2015年9月9日(水)のメモ
【墳墓地】
旧藩の頃は土地所属地の村役目の承諾及び地頭代の奥書をへて山奉行の許可を得、置県後は同様の手続きにより郡長の認可を得て一般人民の墳墓用に供し、多くは山野の中を以てこれに充て、その願い出人の所持に属し売買・譲与・質入・抵当をなすを得べきものなり。旧藩来士族は一墳墓につき十二間角、平民は一墳墓につき六間角の制限ありしも、実際旧藩の頃、墳墓所在者に交付しある朱引(墳墓地域図面)によれば、その地坪右制限範囲を超越せるもの少なからず。朱引地域内墳墓以外の余地は耕耘の用に供し居るもの少からず。旧藩の頃は墳墓地には概ね朱引(差出)を交付せしも、置県後は之を交付せず墳墓設置願に対する認可書を以てその所有を証するものとせり。
下の二枚の絵図は乾隆26年の具志川家の墓である(乾隆26年:1761)。墓仕立ての時、朱引きをし交付したものである。
「右亡父代西原間切末吉村西百姓地山野之内絵図朱引之通譲取墓仕立置候間、永々為墓地被下度奉存候」
「右朱引之内願之通被下候間、永々可能被致所持候也」
「右朱之内願之通御達被下候間、永々可被致所持者也」
▲具志川家の末吉村の墓 ▲運天の大北墓(按司墓) ▲六世縄祖(鶴松金)の位牌(右)
2015年10月1日(木)
今帰仁村運天にある大北墓、別名按司墓。大北墓はウニシ墓と呼ばれウフヌシ(大主)墓と解した方がよさそうである。大北墓の全体が確認できるように草刈をしてみた。絵図に「竿本つ湊ヨリ亥巳弐間」「壱竿丑未六間」「二竿寅申上中六間三合」「三竿巳亥十間五合」「四竿申寅下申九間」「五竿酉卯上申三間」とあり、石垣より外側の距離は34間8合(約67m)。石垣の内側、あるいは外側の実測してみる必要がありそうだ。大北墓と嘉味田家の墓に葬られている人物は1500年代まで遡るが、その墓や葬法は士族であり、平民の墓とは区別してみる必要がある。

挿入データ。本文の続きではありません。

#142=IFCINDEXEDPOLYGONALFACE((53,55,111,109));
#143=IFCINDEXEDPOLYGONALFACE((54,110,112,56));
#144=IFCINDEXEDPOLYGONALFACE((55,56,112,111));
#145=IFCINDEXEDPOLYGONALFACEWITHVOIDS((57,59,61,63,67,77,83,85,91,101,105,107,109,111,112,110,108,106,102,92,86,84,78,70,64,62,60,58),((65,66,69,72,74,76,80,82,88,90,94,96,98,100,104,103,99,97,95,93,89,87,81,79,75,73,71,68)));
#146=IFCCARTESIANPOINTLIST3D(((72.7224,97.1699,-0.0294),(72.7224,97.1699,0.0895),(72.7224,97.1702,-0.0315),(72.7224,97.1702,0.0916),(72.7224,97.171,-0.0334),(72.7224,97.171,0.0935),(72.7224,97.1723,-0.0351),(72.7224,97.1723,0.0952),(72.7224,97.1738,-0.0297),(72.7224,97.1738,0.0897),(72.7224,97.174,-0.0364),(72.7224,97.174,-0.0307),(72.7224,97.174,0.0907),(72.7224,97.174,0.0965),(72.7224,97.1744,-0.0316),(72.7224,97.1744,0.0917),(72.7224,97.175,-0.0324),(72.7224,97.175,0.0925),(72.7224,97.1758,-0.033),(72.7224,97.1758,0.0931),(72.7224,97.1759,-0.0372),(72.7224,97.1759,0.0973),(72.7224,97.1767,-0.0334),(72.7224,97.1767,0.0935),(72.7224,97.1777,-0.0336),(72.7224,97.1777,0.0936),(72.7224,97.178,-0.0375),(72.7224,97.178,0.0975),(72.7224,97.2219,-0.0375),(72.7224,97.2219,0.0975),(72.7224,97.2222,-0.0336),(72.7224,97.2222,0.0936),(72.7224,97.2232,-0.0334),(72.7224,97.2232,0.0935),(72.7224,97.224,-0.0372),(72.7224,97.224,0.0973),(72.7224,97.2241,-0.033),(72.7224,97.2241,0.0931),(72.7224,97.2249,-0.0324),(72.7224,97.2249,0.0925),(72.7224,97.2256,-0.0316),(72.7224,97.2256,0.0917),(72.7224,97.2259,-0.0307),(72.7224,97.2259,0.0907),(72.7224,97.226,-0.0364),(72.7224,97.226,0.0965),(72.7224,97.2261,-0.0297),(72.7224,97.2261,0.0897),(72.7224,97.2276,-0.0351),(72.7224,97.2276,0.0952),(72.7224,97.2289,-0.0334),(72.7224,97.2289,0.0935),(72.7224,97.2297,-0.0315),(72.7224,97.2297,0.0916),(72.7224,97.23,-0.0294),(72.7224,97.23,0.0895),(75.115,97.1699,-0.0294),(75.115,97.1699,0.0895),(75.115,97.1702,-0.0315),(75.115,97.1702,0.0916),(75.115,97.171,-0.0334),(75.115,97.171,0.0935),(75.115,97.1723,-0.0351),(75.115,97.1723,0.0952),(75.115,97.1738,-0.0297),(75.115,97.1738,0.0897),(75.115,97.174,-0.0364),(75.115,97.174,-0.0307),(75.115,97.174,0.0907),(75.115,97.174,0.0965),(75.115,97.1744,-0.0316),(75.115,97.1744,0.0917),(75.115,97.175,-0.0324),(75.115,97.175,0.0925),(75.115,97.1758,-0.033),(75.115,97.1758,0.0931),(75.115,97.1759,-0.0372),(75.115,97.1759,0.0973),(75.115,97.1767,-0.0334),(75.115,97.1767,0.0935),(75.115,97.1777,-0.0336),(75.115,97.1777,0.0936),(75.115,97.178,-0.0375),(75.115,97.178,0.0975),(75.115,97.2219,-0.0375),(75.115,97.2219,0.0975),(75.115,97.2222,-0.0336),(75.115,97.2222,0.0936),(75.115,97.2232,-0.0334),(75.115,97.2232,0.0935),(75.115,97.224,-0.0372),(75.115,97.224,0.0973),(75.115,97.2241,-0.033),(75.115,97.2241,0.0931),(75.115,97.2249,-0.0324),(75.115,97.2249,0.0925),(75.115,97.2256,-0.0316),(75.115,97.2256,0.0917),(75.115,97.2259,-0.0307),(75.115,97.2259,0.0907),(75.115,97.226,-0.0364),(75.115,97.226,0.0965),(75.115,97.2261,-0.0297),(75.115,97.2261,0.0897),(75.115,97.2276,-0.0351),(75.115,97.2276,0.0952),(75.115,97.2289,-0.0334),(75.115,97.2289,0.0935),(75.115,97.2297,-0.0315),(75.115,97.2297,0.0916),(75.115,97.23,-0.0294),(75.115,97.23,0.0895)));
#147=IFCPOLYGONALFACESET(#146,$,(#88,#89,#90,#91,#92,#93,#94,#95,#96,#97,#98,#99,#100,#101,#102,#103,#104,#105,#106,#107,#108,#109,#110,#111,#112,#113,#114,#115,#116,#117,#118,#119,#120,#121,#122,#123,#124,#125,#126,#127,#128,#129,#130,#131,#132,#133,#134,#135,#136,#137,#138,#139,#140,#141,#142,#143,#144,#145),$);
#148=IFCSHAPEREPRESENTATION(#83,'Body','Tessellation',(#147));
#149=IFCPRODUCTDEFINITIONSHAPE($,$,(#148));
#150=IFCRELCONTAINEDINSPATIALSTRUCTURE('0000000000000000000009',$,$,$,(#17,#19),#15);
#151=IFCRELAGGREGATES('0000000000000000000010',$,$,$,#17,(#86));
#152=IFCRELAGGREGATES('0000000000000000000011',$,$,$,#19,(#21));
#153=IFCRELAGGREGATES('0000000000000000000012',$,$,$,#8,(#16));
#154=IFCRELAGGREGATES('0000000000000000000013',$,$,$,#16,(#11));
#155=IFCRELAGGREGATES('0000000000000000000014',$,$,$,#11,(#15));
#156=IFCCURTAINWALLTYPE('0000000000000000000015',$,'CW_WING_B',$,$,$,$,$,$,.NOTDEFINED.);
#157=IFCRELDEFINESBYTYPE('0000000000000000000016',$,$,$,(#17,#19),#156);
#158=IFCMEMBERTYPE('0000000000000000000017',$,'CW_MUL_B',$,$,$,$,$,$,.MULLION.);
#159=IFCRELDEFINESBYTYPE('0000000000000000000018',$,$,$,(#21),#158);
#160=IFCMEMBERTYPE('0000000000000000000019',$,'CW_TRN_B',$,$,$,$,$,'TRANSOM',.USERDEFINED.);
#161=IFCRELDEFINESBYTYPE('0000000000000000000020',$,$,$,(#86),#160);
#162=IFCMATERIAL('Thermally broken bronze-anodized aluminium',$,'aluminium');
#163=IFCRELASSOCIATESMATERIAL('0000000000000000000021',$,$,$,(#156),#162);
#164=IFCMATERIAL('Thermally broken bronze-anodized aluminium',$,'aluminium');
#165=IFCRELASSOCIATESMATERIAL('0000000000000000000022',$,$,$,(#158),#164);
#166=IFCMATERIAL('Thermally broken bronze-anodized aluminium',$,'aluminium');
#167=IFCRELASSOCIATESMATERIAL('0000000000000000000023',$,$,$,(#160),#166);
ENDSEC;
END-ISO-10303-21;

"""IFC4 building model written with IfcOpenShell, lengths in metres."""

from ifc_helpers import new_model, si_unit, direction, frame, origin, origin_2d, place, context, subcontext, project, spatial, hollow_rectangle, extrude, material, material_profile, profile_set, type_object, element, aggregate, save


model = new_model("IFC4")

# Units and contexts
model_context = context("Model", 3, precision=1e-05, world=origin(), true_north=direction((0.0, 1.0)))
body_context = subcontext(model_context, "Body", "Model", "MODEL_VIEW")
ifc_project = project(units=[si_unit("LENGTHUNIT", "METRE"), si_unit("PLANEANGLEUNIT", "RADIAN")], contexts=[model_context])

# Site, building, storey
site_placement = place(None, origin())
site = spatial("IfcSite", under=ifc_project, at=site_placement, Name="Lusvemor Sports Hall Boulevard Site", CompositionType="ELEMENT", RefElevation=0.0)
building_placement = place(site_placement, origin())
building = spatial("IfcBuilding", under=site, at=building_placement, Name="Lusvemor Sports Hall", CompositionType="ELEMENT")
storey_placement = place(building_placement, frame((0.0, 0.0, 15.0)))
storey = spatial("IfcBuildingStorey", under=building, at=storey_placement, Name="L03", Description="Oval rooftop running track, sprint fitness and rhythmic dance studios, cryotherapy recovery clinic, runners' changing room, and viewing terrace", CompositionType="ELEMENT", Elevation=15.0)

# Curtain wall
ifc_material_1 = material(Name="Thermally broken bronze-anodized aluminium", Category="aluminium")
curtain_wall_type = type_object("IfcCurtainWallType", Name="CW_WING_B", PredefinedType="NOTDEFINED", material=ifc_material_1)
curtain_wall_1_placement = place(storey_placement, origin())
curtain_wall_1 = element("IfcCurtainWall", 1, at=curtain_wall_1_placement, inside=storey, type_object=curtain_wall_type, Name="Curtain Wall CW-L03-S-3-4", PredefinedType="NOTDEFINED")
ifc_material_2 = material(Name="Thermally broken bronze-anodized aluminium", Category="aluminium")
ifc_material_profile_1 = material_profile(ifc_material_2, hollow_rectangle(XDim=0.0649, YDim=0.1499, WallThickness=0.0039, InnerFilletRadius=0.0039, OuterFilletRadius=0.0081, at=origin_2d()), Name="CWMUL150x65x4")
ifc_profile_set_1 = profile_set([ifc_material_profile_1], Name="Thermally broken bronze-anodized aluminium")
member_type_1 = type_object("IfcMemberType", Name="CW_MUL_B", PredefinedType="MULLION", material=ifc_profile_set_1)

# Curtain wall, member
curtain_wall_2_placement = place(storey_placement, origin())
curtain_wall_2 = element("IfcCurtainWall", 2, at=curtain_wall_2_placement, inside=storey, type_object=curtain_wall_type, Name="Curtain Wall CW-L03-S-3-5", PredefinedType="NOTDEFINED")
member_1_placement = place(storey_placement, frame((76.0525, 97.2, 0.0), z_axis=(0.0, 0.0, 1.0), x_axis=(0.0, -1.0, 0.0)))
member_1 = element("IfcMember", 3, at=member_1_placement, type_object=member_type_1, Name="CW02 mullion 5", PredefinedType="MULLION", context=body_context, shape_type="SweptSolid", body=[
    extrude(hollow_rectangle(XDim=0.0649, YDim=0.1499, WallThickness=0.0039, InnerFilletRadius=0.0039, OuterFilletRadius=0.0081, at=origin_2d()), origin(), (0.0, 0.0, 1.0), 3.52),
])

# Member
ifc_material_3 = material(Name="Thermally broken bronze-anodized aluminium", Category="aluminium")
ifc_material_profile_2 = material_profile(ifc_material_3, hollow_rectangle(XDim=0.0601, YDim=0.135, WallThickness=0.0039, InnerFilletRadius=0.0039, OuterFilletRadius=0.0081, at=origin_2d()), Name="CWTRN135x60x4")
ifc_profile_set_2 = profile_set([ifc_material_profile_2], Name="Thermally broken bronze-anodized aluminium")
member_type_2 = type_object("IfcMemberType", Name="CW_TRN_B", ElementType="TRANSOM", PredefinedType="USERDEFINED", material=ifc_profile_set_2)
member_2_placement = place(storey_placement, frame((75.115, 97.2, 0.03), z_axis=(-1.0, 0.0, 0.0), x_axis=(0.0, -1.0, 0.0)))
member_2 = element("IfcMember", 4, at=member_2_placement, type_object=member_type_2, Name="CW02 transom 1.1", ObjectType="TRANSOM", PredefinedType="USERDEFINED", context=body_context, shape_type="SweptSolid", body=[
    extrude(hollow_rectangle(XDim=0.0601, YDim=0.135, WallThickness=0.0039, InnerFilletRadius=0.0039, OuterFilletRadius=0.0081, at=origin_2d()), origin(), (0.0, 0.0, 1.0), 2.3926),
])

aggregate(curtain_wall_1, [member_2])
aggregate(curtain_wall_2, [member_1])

平成27年10月24日「琉球弧の葬墓制」(県立博物館・美術館)の企画で大北墓(按司墓)の巡検がある。それで大北墓の草刈をして、1671年の絵図の姿げ見えるように。見事な墓です。墓室は明治45年の調査記録があるので紹介。30名余と見られるが人物の特定には詳細な調査が必要。

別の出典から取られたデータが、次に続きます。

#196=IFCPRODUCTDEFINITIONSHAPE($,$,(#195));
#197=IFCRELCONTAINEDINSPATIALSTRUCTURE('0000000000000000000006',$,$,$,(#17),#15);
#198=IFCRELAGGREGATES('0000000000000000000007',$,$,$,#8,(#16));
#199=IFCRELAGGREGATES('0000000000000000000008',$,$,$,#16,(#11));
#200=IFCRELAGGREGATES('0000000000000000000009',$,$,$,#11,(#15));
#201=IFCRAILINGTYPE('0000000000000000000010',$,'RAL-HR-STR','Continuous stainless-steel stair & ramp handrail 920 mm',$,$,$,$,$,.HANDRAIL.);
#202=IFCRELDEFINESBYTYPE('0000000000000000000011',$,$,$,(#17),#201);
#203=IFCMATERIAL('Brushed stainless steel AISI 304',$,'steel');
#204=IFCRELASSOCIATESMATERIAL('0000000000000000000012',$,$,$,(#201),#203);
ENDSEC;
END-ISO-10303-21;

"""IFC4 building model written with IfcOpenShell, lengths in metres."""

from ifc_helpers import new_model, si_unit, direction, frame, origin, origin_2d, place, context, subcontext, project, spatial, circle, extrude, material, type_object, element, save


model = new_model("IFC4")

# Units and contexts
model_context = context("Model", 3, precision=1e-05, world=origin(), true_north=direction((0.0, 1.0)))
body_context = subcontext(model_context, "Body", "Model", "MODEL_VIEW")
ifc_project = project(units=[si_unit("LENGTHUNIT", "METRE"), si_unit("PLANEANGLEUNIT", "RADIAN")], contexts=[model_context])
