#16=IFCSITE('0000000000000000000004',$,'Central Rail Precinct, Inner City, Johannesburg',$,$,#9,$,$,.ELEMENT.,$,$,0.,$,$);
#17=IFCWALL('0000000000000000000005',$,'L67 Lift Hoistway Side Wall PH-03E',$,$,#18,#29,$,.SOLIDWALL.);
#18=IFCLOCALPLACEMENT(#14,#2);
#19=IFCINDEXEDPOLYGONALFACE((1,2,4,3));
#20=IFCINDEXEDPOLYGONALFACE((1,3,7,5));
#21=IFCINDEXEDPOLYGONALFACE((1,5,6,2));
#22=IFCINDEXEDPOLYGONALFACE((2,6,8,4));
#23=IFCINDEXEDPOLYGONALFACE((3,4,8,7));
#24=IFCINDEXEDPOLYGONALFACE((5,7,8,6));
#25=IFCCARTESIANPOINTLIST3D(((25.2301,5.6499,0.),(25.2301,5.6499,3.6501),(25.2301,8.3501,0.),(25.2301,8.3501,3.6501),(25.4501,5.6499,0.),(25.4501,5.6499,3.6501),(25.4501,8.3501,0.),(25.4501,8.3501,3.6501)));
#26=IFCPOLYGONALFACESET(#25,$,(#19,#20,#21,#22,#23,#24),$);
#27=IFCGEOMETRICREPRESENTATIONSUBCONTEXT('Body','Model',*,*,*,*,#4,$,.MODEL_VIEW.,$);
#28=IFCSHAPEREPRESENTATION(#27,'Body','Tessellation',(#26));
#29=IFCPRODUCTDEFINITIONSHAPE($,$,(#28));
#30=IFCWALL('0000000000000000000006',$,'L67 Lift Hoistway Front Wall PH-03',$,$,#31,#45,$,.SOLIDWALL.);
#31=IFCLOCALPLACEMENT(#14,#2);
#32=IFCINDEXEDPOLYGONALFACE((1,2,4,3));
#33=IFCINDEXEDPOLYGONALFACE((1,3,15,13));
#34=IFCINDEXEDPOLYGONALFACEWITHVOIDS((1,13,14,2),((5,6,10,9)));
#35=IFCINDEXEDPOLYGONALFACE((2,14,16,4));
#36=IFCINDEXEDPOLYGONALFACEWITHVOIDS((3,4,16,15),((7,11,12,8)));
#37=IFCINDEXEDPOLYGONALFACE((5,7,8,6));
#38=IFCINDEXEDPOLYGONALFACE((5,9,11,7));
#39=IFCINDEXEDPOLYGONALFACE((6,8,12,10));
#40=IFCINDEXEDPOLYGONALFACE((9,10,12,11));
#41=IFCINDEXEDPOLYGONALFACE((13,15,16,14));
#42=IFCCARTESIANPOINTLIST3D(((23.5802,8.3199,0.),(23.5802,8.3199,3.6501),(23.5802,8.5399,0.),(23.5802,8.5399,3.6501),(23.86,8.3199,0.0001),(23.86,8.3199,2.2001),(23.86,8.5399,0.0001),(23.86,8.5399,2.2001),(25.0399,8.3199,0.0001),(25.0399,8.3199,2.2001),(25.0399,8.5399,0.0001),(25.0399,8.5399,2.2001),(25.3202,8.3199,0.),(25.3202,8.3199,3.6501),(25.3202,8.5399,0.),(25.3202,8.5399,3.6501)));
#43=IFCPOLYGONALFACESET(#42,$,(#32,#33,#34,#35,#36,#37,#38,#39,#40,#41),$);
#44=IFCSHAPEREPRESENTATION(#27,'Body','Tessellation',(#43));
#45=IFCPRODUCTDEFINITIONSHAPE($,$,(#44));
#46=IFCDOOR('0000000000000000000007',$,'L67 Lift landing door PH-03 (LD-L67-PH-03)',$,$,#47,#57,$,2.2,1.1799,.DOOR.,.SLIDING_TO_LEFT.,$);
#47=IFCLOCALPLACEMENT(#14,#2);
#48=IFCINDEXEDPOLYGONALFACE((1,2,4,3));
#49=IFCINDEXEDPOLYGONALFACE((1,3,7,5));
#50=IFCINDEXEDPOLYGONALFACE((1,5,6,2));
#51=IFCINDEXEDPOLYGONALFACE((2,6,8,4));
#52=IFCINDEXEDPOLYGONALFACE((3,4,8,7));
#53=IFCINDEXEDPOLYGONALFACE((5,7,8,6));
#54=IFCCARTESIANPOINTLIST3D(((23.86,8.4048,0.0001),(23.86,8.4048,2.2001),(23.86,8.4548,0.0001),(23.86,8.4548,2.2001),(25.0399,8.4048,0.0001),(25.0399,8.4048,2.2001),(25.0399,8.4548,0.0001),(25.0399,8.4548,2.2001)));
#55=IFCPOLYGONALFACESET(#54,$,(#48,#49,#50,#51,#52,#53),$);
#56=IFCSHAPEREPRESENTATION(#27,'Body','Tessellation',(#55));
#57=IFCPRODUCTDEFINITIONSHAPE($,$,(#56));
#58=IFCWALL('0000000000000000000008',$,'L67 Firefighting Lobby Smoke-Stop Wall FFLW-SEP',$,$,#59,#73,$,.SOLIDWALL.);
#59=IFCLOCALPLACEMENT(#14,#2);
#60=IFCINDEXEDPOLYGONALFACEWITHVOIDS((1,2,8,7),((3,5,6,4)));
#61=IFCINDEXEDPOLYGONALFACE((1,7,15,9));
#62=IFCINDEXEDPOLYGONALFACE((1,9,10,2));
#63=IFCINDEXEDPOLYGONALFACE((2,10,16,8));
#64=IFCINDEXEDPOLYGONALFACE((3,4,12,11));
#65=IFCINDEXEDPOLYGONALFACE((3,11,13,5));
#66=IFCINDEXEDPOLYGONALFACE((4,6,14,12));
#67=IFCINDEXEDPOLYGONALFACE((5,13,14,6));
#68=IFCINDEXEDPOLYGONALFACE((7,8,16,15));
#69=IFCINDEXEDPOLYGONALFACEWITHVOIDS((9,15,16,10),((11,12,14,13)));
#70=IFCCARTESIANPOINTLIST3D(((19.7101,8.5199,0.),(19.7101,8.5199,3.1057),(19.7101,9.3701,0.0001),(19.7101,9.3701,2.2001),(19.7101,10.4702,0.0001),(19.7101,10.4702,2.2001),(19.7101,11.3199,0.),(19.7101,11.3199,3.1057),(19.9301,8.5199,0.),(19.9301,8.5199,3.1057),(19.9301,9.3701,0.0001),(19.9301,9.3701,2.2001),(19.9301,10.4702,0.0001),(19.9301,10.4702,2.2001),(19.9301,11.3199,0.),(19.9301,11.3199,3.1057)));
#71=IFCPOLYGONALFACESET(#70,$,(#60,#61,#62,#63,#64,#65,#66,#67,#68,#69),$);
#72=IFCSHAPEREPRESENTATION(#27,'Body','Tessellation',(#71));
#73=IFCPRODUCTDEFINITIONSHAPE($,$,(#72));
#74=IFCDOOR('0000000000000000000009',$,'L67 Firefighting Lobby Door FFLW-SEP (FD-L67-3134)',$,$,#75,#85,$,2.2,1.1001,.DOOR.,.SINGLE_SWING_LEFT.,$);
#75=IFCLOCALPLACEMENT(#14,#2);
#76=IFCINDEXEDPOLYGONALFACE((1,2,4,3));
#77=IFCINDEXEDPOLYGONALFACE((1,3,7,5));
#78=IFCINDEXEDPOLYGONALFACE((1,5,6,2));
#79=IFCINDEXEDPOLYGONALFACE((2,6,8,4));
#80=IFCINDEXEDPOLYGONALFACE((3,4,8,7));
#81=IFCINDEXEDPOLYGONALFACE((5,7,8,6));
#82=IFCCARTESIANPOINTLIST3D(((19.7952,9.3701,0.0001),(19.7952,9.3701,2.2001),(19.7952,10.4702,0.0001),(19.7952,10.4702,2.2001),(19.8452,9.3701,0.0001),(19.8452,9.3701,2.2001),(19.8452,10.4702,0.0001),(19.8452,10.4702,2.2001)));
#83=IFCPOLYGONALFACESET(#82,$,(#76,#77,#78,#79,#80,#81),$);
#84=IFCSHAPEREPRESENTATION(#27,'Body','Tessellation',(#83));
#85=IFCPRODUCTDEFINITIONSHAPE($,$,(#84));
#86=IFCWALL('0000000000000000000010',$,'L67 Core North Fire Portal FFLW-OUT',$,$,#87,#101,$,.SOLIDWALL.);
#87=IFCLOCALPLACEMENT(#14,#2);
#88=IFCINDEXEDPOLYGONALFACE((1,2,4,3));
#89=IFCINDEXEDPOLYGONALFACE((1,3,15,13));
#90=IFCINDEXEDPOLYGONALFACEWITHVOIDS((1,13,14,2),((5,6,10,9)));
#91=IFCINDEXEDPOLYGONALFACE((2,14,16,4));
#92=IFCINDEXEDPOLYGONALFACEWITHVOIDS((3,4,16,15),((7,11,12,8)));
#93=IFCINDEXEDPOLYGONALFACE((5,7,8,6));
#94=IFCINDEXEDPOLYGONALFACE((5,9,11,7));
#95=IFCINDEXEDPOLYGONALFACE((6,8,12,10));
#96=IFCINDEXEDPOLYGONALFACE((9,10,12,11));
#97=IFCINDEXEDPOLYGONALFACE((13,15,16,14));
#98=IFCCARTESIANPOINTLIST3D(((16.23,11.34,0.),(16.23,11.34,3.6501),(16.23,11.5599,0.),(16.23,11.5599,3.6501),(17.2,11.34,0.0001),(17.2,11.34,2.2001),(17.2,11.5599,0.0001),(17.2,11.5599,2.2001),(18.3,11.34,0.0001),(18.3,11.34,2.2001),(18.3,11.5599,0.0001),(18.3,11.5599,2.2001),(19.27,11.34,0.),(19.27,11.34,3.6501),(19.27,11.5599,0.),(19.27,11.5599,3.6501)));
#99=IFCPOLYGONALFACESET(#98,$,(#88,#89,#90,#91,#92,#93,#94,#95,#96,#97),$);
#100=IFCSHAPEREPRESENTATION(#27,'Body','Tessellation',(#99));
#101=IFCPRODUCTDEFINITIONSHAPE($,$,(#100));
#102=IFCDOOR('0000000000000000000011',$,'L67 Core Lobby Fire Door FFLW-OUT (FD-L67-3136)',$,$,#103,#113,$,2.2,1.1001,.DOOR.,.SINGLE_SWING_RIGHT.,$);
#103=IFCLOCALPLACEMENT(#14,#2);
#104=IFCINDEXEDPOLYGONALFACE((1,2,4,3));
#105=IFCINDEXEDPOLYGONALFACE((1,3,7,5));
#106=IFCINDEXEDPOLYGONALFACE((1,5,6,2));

それはともかく、『具志川家家譜』には西原間切末吉村と今帰仁間切運天村の墓は乾隆26年(1761)に今帰仁王子(十世宣謨)が提出し三司官に認められたものである。つまり、今帰仁グスクの麓(ウツリタマイ)にあった墓(玉御墓)の天井が崩落したため、1761年に運天に移葬したものである(『沖縄県国頭郡志』)。明治45年4月27日(旧3月11日)に墓を修理した際、島袋源一郎は内部の記録(平面図)を遺している(前書掲載)。また、葬られている人物名が記してある。北山監守(今帰仁王子)一世の尚韶威(具志川家)の弟に当る尚龍徳(嘉味田家)の墓調査をしたことがある。大北墓の内部の様子は嘉味田家の墓室の石棺などの配置が参考になる。嘉味田家の墓調査へ
一、イロノヘ按司、今帰仁按司御一人御名相不知
二、宗仁公嫡子、御一人若○○カリヒタル金、御一人アヲリヤイアンシタル金
三、御一人真南風按司、御一人アヲリヤインアシカナシ、オリヒカナコイ
四、宗仁公四世今帰仁按司ママカル金、御一人御名相不知申候
五、記名ナシ(宗仁公五世及び婦人などにあらざるか)
六、宗仁公次男南風按司子孫多人数永々相成面々相不知雍正十一年癸丑三月十六日 移
七、宗仁公六世曾孫今帰仁按司童名松鶴金、御同人御母思玉金、与那嶺按司御同人ヲナジャラ、
アヲリヤイ按司
八、宗仁公七世今帰仁按司、御同人ヲナジャラ
九、崎山按司、伊野波按司、親泊按司、崎山按司、本部按司、伊野波按司後付相不知
十、呉我アムカナシ、浦添大屋子、知念大屋子
十一、崎山按司嫡子、崎山里之親雲上、同人姉マウシ金
十二、今帰仁里主親雲上
□は石棺陶棺 ○は甕なり
▲『具志川家家』墓の申請絵図(1761年)より ▲明治45年墓内部調査メモ(島袋源一郎)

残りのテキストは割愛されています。